The disease does not skip a generation, though a parent may be less severely affected than their child, and may not have gout or other signs of kidney disease for some time. Almost always, there is at least a parent and child affected with this condition. Frequently, there are many family members affected, including a grandparent, uncles, aunts, cousins, brothers and/or sisters. Sometimes, there are new mutations and only one family member will be affected, but this is rare.
What Can I Do For My Health If I Have MKD?
Currently there is no known treatment for MKD, and the only cure is a kidney transplant. However, there is still a lot that you can do to stay healthy if you have MKD:
- Do not smoke. Smoking makes every type of kidney disease get worse more quickly. It also causes hardening of the arteries and lung disease. The combination of kidney disease and smoking is not good. Thus, it is important to stop smoking if you do smoke.

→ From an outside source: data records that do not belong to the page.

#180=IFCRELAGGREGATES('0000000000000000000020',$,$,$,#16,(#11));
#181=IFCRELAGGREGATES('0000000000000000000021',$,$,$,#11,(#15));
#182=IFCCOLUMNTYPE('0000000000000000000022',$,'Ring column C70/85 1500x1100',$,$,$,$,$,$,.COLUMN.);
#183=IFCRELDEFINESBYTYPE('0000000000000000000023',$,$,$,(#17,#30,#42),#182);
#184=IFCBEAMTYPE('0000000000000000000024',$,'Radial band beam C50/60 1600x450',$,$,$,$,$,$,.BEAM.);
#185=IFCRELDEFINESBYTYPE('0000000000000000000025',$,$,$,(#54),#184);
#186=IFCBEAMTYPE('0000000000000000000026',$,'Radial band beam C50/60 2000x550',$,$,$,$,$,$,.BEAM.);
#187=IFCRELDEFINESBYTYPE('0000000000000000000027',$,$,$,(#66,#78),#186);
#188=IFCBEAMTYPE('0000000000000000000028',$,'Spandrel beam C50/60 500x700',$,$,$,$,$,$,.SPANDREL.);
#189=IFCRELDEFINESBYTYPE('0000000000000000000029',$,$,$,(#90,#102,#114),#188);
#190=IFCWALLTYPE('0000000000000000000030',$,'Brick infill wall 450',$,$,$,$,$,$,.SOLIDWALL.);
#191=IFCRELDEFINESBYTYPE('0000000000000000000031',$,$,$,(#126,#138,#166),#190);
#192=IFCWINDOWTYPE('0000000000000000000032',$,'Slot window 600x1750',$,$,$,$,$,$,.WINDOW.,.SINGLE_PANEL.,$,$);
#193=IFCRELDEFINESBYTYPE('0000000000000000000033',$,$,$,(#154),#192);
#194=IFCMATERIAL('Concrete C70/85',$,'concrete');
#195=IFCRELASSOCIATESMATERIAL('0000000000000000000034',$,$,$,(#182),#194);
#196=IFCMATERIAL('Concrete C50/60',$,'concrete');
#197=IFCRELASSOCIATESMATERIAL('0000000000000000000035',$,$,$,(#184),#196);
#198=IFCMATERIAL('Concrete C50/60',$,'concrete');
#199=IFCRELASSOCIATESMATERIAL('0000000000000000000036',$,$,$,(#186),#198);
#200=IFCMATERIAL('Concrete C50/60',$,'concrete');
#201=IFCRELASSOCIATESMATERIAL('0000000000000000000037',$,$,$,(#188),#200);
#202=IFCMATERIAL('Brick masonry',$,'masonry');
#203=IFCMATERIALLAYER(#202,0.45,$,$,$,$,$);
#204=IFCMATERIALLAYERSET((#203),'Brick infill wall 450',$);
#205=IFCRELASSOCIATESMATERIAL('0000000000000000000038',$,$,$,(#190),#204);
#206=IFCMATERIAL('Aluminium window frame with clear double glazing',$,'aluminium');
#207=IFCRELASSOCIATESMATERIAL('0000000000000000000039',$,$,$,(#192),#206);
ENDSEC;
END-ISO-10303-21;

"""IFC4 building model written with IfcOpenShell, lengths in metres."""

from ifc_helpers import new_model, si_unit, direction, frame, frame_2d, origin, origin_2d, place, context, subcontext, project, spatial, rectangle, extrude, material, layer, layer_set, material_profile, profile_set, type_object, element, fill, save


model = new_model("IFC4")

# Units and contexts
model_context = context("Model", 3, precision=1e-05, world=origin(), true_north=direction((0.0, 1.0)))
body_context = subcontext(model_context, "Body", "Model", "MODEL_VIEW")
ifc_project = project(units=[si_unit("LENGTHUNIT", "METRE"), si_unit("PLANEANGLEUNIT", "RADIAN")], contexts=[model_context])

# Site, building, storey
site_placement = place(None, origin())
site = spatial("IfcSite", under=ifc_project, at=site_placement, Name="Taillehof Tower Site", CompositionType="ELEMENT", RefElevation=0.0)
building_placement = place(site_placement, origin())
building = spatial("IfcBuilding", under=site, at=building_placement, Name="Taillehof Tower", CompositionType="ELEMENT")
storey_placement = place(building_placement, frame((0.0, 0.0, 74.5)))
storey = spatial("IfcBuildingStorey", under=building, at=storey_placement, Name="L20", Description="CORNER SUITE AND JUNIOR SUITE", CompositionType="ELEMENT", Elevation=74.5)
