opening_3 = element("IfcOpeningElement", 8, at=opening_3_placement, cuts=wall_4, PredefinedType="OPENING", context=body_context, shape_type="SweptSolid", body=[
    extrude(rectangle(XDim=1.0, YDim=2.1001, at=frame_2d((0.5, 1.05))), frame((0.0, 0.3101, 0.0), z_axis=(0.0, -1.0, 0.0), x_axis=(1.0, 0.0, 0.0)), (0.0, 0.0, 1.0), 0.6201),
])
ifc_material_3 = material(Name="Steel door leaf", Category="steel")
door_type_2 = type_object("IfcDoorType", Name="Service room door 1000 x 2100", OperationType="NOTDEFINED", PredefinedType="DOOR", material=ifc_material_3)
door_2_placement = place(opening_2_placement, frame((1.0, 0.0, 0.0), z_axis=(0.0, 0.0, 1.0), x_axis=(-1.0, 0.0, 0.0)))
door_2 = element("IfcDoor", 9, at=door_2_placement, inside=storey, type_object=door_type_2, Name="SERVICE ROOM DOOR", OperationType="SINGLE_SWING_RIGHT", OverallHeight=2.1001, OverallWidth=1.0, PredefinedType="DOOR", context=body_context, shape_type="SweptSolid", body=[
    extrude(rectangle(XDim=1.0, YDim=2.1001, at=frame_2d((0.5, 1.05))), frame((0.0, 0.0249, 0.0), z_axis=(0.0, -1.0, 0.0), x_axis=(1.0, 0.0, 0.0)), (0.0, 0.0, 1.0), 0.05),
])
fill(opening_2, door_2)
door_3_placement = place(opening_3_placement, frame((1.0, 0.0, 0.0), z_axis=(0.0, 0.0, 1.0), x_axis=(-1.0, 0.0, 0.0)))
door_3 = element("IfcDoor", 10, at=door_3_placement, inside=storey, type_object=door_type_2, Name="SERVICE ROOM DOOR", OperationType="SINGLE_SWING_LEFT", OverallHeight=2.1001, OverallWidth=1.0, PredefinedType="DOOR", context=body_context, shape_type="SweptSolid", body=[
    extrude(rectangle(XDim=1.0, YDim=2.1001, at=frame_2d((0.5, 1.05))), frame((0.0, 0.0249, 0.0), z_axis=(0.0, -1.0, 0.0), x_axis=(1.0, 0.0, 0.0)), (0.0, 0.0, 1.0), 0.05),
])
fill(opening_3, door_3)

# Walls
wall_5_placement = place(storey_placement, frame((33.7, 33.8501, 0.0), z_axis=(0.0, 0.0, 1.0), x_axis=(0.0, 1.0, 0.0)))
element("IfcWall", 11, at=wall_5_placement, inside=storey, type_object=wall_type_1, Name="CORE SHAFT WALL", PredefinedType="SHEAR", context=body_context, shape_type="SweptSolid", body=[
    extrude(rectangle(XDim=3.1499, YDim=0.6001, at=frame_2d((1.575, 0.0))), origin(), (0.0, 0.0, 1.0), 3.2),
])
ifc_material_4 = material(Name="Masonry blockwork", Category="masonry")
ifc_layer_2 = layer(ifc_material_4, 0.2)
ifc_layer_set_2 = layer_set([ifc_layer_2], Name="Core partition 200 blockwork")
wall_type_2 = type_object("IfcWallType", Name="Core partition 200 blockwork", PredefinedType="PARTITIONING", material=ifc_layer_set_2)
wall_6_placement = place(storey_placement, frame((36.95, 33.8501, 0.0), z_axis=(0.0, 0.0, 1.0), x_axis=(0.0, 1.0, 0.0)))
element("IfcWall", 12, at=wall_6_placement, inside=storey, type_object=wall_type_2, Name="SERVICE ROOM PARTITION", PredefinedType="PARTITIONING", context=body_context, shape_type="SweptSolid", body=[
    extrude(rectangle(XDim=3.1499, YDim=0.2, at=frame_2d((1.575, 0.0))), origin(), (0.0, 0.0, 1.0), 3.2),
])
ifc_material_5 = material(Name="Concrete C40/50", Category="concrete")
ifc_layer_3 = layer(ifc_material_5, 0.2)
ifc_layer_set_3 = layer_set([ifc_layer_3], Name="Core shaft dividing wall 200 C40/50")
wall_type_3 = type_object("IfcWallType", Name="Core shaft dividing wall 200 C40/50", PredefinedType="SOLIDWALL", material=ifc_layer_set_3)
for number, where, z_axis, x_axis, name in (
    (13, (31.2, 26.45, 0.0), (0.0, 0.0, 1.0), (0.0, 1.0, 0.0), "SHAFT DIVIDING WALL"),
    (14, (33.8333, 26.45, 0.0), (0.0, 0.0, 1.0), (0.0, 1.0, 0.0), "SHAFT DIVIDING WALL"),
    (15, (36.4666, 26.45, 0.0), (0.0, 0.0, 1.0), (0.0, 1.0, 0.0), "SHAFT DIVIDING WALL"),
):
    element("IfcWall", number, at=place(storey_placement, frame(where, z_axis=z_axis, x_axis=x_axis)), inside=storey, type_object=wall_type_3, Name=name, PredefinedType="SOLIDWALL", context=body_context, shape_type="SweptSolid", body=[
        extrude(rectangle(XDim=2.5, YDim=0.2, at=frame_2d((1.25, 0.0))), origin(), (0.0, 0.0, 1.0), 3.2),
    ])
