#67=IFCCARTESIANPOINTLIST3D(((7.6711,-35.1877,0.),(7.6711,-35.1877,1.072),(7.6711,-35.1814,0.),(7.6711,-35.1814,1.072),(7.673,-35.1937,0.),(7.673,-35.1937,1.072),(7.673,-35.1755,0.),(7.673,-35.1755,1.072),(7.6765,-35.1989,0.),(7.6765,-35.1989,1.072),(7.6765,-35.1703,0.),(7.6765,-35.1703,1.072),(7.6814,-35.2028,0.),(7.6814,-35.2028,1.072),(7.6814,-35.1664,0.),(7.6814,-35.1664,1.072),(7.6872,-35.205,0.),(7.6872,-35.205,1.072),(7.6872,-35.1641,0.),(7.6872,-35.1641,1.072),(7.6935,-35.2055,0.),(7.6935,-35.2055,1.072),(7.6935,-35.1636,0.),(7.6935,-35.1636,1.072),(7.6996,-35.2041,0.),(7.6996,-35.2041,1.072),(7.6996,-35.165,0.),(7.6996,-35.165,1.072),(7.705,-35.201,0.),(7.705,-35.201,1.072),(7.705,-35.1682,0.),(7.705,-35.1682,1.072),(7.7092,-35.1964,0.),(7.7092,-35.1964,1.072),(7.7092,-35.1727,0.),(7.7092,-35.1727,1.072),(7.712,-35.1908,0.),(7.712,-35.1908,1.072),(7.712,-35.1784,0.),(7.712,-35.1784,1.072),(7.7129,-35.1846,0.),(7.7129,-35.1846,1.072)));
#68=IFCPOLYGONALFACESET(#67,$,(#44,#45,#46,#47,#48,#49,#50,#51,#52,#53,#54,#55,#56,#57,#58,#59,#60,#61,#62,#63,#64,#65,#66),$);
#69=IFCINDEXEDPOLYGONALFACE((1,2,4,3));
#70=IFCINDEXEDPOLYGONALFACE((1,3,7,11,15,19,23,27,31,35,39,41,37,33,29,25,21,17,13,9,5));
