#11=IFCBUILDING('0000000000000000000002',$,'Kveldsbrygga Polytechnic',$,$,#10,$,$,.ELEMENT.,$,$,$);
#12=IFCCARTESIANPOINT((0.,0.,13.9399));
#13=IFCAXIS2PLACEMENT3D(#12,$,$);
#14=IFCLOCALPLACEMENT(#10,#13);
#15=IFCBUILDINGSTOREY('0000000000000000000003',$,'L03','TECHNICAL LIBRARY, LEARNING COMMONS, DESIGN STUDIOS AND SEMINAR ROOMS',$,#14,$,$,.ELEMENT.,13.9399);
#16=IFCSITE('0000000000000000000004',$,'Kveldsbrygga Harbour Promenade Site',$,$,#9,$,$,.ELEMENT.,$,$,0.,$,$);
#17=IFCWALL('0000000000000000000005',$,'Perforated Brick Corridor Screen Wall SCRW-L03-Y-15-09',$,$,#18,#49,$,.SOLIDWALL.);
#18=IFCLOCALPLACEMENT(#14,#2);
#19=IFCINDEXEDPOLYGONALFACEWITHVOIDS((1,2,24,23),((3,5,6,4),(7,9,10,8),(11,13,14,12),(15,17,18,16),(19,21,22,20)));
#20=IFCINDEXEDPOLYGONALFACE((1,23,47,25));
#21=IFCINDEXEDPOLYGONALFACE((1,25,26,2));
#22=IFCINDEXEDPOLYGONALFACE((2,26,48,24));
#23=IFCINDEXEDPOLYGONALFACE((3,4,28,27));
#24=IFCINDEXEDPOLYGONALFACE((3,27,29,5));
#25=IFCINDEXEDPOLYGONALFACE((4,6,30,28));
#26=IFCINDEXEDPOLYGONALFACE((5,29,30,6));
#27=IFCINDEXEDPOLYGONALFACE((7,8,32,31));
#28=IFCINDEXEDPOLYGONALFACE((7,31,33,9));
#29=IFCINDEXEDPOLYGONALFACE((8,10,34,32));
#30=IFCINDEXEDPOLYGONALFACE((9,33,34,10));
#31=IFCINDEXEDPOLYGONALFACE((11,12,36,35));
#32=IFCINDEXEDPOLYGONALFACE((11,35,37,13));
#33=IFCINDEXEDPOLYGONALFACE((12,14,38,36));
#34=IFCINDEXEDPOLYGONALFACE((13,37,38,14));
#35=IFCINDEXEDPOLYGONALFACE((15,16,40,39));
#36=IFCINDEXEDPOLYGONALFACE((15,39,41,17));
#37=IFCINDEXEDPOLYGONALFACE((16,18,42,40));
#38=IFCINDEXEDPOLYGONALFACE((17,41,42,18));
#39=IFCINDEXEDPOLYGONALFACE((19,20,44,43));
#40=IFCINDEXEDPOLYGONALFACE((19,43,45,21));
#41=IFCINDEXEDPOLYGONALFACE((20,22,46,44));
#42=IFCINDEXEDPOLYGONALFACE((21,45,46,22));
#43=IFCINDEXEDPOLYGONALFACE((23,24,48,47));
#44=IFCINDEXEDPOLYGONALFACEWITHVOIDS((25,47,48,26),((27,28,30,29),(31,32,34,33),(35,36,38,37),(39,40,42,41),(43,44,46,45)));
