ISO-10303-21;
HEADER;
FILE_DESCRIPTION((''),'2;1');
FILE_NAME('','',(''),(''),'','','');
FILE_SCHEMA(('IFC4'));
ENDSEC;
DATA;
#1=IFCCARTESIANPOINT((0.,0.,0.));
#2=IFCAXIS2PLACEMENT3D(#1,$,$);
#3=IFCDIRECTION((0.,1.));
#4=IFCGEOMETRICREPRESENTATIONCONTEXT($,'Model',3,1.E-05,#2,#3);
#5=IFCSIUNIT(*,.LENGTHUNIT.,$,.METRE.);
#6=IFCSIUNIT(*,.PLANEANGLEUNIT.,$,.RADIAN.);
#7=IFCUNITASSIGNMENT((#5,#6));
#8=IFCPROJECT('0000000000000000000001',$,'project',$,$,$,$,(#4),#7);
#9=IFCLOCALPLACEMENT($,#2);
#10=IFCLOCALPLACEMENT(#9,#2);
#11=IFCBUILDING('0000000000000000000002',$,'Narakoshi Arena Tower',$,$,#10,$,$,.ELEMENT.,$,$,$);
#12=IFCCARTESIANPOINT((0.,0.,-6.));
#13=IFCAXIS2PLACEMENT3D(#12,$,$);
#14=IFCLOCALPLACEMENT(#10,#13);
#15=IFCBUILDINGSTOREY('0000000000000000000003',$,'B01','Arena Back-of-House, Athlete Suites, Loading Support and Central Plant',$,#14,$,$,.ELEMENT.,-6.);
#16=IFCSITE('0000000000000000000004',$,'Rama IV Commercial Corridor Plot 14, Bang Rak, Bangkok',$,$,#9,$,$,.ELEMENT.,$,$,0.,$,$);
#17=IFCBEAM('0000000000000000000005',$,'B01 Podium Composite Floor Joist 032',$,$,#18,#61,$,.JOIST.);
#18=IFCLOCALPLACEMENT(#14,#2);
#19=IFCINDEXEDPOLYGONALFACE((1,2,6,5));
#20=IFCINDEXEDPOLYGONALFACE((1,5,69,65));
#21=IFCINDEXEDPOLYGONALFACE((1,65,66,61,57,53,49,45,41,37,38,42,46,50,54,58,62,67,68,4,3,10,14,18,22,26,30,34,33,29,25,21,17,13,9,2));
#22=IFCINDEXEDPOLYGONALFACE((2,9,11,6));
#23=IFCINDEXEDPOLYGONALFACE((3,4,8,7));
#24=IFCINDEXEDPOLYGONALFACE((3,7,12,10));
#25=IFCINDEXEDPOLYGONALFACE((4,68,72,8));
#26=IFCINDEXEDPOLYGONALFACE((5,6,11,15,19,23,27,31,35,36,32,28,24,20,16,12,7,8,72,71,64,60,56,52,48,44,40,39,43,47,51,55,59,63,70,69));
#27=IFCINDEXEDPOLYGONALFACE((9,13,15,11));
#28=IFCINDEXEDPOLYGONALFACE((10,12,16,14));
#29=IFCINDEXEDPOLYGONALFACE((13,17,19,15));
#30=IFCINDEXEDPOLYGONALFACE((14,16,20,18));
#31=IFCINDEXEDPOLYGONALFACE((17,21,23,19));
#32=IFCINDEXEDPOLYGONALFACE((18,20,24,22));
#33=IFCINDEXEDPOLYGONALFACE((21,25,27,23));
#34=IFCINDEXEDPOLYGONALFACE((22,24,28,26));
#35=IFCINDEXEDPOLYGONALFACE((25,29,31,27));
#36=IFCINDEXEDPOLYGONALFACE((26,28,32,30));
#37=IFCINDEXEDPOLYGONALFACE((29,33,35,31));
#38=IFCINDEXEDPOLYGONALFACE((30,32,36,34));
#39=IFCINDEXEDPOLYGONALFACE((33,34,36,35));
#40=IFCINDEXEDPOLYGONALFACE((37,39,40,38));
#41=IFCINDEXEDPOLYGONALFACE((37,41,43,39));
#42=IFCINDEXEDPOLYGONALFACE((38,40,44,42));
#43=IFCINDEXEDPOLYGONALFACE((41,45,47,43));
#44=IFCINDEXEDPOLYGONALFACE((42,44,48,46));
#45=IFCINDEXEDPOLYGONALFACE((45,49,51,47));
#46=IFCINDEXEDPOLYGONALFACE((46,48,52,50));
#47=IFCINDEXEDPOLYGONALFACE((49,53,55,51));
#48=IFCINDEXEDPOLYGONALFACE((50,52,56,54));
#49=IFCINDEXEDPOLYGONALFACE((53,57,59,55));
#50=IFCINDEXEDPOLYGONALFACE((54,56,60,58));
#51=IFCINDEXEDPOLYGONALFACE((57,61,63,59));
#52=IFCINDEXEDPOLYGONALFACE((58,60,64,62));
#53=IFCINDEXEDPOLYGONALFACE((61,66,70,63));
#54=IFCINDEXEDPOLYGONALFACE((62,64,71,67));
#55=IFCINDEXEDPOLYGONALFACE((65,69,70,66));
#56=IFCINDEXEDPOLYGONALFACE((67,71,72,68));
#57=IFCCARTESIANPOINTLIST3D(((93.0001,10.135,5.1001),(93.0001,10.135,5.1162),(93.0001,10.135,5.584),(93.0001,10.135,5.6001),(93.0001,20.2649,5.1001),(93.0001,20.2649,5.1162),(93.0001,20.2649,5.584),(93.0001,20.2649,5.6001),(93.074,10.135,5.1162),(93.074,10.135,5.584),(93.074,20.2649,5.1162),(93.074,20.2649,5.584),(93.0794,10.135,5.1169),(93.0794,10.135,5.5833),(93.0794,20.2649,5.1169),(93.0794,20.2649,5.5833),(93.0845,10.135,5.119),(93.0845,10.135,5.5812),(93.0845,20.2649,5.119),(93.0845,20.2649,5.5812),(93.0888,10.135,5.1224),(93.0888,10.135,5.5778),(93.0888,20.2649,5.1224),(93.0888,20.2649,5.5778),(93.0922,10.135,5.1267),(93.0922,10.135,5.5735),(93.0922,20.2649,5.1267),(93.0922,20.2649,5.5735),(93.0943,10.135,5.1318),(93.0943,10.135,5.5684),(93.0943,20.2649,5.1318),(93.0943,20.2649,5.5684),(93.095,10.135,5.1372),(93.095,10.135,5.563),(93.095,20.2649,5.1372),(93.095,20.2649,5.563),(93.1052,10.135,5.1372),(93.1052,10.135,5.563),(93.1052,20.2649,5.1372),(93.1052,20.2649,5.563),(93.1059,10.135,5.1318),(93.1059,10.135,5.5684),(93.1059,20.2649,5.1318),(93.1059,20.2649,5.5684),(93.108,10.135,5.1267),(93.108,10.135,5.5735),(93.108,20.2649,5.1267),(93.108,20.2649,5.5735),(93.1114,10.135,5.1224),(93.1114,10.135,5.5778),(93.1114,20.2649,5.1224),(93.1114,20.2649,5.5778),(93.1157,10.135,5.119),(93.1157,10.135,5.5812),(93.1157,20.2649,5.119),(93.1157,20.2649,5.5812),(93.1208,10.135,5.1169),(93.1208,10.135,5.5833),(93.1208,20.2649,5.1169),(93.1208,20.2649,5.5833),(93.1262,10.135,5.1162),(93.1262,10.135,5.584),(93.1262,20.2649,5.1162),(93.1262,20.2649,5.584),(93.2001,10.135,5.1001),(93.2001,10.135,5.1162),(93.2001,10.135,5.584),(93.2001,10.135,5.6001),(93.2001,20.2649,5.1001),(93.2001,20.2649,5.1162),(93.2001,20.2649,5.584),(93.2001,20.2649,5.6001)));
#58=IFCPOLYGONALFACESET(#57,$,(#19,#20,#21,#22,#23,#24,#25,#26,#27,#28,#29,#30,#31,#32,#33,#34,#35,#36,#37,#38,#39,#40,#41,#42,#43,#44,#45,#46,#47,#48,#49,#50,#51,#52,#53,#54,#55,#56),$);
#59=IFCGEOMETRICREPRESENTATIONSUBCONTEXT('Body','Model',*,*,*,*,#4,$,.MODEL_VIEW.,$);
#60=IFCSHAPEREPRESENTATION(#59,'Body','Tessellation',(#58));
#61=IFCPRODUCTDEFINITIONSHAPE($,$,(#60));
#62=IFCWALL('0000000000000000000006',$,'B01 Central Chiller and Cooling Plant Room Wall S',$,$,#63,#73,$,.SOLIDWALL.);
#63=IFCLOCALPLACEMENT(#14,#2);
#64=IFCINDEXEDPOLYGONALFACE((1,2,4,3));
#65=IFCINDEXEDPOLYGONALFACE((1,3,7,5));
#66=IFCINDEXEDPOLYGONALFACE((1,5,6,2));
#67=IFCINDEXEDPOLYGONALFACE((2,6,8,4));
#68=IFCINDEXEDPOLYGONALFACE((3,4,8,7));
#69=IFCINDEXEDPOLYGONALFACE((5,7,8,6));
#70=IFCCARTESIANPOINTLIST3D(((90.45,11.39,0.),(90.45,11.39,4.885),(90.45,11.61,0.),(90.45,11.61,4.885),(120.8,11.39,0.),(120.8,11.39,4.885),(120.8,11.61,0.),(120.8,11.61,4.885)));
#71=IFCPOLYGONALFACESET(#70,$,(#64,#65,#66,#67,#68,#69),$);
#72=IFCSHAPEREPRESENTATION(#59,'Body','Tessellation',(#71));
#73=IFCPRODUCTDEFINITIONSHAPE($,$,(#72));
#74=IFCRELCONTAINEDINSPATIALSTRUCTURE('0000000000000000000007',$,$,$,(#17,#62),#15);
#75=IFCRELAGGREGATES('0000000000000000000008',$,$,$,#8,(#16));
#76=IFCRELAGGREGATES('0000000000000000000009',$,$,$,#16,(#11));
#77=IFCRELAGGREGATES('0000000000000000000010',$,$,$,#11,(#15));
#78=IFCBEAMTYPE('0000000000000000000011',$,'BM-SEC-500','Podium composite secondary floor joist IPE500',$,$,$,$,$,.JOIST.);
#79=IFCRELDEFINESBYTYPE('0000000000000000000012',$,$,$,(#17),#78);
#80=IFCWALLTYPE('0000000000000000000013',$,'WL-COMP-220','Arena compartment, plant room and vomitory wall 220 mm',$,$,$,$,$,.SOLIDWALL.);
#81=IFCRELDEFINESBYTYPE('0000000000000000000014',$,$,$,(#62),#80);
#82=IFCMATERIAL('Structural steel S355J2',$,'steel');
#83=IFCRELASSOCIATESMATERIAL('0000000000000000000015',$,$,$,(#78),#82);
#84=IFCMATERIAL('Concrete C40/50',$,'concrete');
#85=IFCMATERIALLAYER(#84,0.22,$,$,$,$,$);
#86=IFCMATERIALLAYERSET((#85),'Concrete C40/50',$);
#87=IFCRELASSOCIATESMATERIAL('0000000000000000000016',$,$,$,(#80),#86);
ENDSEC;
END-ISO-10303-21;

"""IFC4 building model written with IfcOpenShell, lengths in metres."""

from ifc_helpers import new_model, si_unit, direction, frame, frame_2d, origin, origin_2d, place, context, subcontext, project, spatial, rectangle, i_section, extrude, material, layer, layer_set, material_profile, profile_set, type_object, element, save


model = new_model("IFC4")

# Units and contexts
model_context = context("Model", 3, precision=1e-05, world=origin(), true_north=direction((0.0, 1.0)))
body_context = subcontext(model_context, "Body", "Model", "MODEL_VIEW")
ifc_project = project(units=[si_unit("LENGTHUNIT", "METRE"), si_unit("PLANEANGLEUNIT", "RADIAN")], contexts=[model_context])

# Site, building, storey
site_placement = place(None, origin())
site = spatial("IfcSite", under=ifc_project, at=site_placement, Name="Rama IV Commercial Corridor Plot 14, Bang Rak, Bangkok", CompositionType="ELEMENT", RefElevation=0.0)
building_placement = place(site_placement, origin())
building = spatial("IfcBuilding", under=site, at=building_placement, Name="Narakoshi Arena Tower", CompositionType="ELEMENT")
storey_placement = place(building_placement, frame((0.0, 0.0, -6.0)))
storey = spatial("IfcBuildingStorey", under=building, at=storey_placement, Name="B01", Description="Arena Back-of-House, Athlete Suites, Loading Support and Central Plant", CompositionType="ELEMENT", Elevation=-6.0)

# Shared definitions
ifc_material_1 = material(Name="Concrete C40/50", Category="concrete")

# Beam
ifc_material_2 = material(Name="Structural steel S355J2", Category="steel")
ifc_material_profile_1 = material_profile(ifc_material_2, i_section(OverallWidth=0.2, OverallDepth=0.5, WebThickness=0.0103, FlangeThickness=0.0161, FilletRadius=0.021, at=origin_2d()), Name="IPE500")
ifc_profile_set_1 = profile_set([ifc_material_profile_1], Name="Structural steel S355J2")
beam_type_1 = type_object("IfcBeamType", Name="BM-SEC-500", Description="Podium composite secondary floor joist IPE500", PredefinedType="JOIST", material=ifc_profile_set_1)
beam_1_placement = place(storey_placement, frame((93.1001, 10.135, 5.3501), z_axis=(0.0, 1.0, 0.0), x_axis=(-1.0, 0.0, 0.0)))
element("IfcBeam", 1, at=beam_1_placement, inside=storey, type_object=beam_type_1, Name="B01 Podium Composite Floor Joist 032", PredefinedType="JOIST", context=body_context, shape_type="SweptSolid", body=[
    extrude(i_section(OverallWidth=0.2, OverallDepth=0.5, WebThickness=0.0103, FlangeThickness=0.0161, FilletRadius=0.021, at=origin_2d()), origin(), (0.0, 0.0, 1.0), 10.1299),
])

# Wall
ifc_layer_1 = layer(ifc_material_1, 0.22)
ifc_layer_set_1 = layer_set([ifc_layer_1], Name="Concrete C40/50")
wall_type = type_object("IfcWallType", Name="WL-COMP-220", Description="Arena compartment, plant room and vomitory wall 220 mm", PredefinedType="SOLIDWALL", material=ifc_layer_set_1)
wall_placement = place(storey_placement, frame((90.45, 11.5, 0.0), z_axis=(0.0, 0.0, 1.0), x_axis=(1.0, 0.0, 0.0)))
element("IfcWall", 2, at=wall_placement, inside=storey, type_object=wall_type, Name="B01 Central Chiller and Cooling Plant Room Wall S", PredefinedType="SOLIDWALL", context=body_context, shape_type="SweptSolid", body=[
    extrude(rectangle(XDim=30.3501, YDim=0.22, at=frame_2d((15.175, 0.0))), origin(), (0.0, 0.0, 1.0), 4.885),
])

save(model, "model.ifc")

Children of affected MKD patients should be encouraged to never start smoking.
- Check blood pressure regularly. As kidney disease worsens, blood pressure can increase. This rise in blood pressure can lead to a higher risk of heart disease, strokes and heart attacks. If your blood pressure is high, you should get it treated. You should work with your doctor to keep it under good control.
- Stay in shape and keep weight under control. Being very overweight can make it more difficult to do the surgery for a kidney transplant. You should watch your weight closely.
The patient is a young man in overall good health. At the age of seventeen, he was seen by his doctor for general health care. A blood test was done showing that his serum creatinine level was elevated at 1.4 mg/dl in US units (124 umol/L in international units). The patient knew that his father and his grandmother had kidney disease. His grandmother died of kidney failure many years ago, and his father had a kidney transplant and was doing well. He saw a kidney doctor (nephrologist) who was confused as to why there was so much kidney disease in the family. He did a urine test that showed no blood or protein. This was confusing because most patients with kidney disease have blood or protein in the urine. The doctor then did a kidney biopsy, where a small piece of kidney disease is removed. The biopsy showed “interstitial scarring (scarring of the inside of the kidney)”. The biopsy did not have distinctive features that let the doctors diagnose MKD. Thus, the kidney doctor remained uncertain. Later, another doctor suggested that the patient might have MKD. A blood test was sent to the laboratory of Dr. Anthony Bleyer at Wake Forest School of Medicine. The results showed a mutation in the MUC1 gene as a cause of MKD in the patient and his family.
Now that the gene for MKD has been found, a lot of research is being done on this condition. Since there are so few patients with this disease, every patient with the disease who takes part in research provides helpful information. Participating in MKD research trials is also likely to be helpful.
We are hoping to begin a clinical trial in the next year to test an already used medicine to see if it helps MKD. Please contact Dr. Anthony Bleyer at firstname.lastname@example.org for more information.
It was called Type 1 because there are two similar types of this disease. It turns out that the two types of the disease are entirely unrelated.
Like other patients with kidney disease, all patients with MKD should strive to have a kidney transplant done prior to the need for dialysis.
When patients have lost about 2/3 of their kidney function they begin to feel more tired and may develop a decreased appetite.
When 90% of kidney function is lost, patients feel tired and have nausea and usually need a kidney transplant or dialysis.
From this you can see that most of the kidney function has to be lost before any symptoms are noticed. Even then, the symptoms are usually quite mild for a long period of time.